Eres ese amor platónico del que no tenías medida (Without You I’m Nothing), junto al que viviste tus primeros orgasmos personalizados (Black Market Music), al lado del cual descubriste el bizarrismo como encanto adolescente (el homónimo Placebo), con el que te iniciaste en la madurez del oscurantismo electrónico pasional (Sleeping Ghosts) y con quien incluso persististe, con encanto inocente, tras darte cuenta de que empezabais a ir por caminos distintos (Meds)…

….y al que te encuentras por la calle años más tarde, cercano a los cuarenta, en un intento de atractivo pero circulando sistemáticamente detrás de jovencitas por debajo del cuarto de siglo, socarrón, marcándosele las primeras arrugas al reírse de sus propias bromas de mierda, incitándote a revivir cenizas de lo que fue en su día y ahora reproduce con un tufo pestilente, graso, sórdido.
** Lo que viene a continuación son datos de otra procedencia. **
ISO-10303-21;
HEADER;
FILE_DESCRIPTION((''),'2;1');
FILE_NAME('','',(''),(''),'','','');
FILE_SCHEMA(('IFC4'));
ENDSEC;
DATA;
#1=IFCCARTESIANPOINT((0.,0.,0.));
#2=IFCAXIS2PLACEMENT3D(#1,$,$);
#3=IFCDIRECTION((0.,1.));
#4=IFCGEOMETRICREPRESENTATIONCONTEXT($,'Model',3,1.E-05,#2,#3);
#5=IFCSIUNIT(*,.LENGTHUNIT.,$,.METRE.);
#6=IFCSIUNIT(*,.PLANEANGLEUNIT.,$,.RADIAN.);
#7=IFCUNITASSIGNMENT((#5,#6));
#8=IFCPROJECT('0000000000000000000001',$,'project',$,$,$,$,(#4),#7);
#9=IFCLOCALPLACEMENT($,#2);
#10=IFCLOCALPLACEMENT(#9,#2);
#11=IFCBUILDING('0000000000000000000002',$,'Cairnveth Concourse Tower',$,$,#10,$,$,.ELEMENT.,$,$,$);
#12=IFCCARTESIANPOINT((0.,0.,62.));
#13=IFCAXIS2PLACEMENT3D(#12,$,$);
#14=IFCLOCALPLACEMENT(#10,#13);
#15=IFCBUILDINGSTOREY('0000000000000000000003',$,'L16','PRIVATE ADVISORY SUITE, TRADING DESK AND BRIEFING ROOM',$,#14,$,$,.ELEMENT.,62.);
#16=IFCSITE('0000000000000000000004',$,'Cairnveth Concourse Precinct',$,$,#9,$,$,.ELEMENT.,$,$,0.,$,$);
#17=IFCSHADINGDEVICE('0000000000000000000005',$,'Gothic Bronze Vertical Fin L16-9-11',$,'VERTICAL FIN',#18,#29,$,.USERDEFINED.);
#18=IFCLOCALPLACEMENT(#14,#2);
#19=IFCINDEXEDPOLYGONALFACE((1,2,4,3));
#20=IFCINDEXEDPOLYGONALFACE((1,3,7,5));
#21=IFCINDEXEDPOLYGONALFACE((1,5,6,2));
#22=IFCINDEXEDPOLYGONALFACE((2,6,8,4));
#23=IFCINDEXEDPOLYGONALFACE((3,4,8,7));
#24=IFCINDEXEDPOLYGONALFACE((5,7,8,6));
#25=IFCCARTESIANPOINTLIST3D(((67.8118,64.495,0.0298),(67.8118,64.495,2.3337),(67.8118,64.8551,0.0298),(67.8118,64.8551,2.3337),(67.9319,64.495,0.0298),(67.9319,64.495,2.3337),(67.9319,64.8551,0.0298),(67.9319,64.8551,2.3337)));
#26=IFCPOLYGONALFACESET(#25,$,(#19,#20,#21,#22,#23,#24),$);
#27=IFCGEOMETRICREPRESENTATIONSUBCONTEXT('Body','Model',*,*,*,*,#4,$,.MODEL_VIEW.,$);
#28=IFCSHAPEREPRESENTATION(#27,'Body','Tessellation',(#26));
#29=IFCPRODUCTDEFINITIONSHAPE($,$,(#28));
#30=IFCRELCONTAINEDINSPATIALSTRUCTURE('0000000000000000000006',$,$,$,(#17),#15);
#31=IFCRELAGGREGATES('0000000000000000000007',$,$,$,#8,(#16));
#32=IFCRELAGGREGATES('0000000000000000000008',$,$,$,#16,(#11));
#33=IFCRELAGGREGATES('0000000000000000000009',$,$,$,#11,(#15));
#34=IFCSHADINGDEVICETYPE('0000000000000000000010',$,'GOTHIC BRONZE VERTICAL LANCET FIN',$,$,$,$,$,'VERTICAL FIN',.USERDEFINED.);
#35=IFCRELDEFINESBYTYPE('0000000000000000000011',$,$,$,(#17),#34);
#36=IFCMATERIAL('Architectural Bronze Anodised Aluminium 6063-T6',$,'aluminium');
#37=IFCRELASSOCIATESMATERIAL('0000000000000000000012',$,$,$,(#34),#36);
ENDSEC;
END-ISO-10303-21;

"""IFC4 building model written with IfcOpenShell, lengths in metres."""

from ifc_helpers import new_model, si_unit, direction, frame, origin, origin_2d, place, context, subcontext, project, spatial, rectangle, extrude, material, type_object, element, save


model = new_model("IFC4")

# Units and contexts
model_context = context("Model", 3, precision=1e-05, world=origin(), true_north=direction((0.0, 1.0)))
body_context = subcontext(model_context, "Body", "Model", "MODEL_VIEW")
ifc_project = project(units=[si_unit("LENGTHUNIT", "METRE"), si_unit("PLANEANGLEUNIT", "RADIAN")], contexts=[model_context])

# Site, building, storey
site_placement = place(None, origin())
site = spatial("IfcSite", under=ifc_project, at=site_placement, Name="Cairnveth Concourse Precinct", CompositionType="ELEMENT", RefElevation=0.0)
building_placement = place(site_placement, origin())
building = spatial("IfcBuilding", under=site, at=building_placement, Name="Cairnveth Concourse Tower", CompositionType="ELEMENT")
storey_placement = place(building_placement, frame((0.0, 0.0, 62.0)))
storey = spatial("IfcBuildingStorey", under=building, at=storey_placement, Name="L16", Description="PRIVATE ADVISORY SUITE, TRADING DESK AND BRIEFING ROOM", CompositionType="ELEMENT", Elevation=62.0)

# Shading device
ifc_material_1 = material(Name="Architectural Bronze Anodised Aluminium 6063-T6", Category="aluminium")
shading_device_type = type_object("IfcShadingDeviceType", Name="GOTHIC BRONZE VERTICAL LANCET FIN", ElementType="VERTICAL FIN", PredefinedType="USERDEFINED", material=ifc_material_1)
for number, where, z_axis, x_axis, name in (
    (1, (67.8718, 64.675, 0.0298), (0.0, 0.0, 1.0), (1.0, 0.0, 0.0), "Gothic Bronze Vertical Fin L16-9-11"),
):
    element("IfcShadingDevice", number, at=place(storey_placement, frame(where, z_axis=z_axis, x_axis=x_axis)), inside=storey, type_object=shading_device_type, Name=name, ObjectType="VERTICAL FIN", PredefinedType="USERDEFINED", context=body_context, shape_type="SweptSolid", body=[
        extrude(rectangle(XDim=0.1201, YDim=0.3601, at=origin_2d()), origin(), (0.0, 0.0, 1.0), 2.304),
    ])

save(model, "model.ifc")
Vamos, que esos discos de Placebo y yo somos un poco tal que la misma cosa. Me sé hasta el último de sus detalles, podría recitar su lírica sin ninguna necesidad de ir acompañado de música y el asunto es tan, tan sentimental, que de ahí la decepción y el firme arraigo a mis principios, que me los dañaron cual tierno himen y violación desmedida.

¿Qué pasa con los amores de tu vida que terminaron en desengaño? Que la ambivalencia siempre estará presente. No puedes odiarles, porque si les amaste, al recordarles el sentimiento se vuelve a hacer presente, aunque sea en menor medida. Y tampoco puedes sumergirte en amarles de nuevo porque querrás volver a tenerles, mientras recuerdas que no les tienes porque decidieron abandonarte cual abuelo en una gasolinera, así que la aversión se hace presente y, con ella, el odio. Todo esto, claro, en función del pico que alcanzaras y, por eso, brutalmente directamente proporcional.

Por suerte estoy hablando de un grupo y de determinados discos suyos, así que siempre puedo volver a ponerme esos discos y rememorar, con la misma intensidad, todo eso que me dieron. Luego ya me acuerdo de lo impresentable, incoherente e imperdonable que me pareció el giro de actitud personal y musical y les dedico de nuevo un corte de manga magistral, lleno de dolor.

A veces soy de un cursi…

Dicho sea de paso, ayer cacé esta puesta de sol desde casa. Me dieron ganas de abrir la boca y dirigirme hacia esas nubes cual comecocos, hostia.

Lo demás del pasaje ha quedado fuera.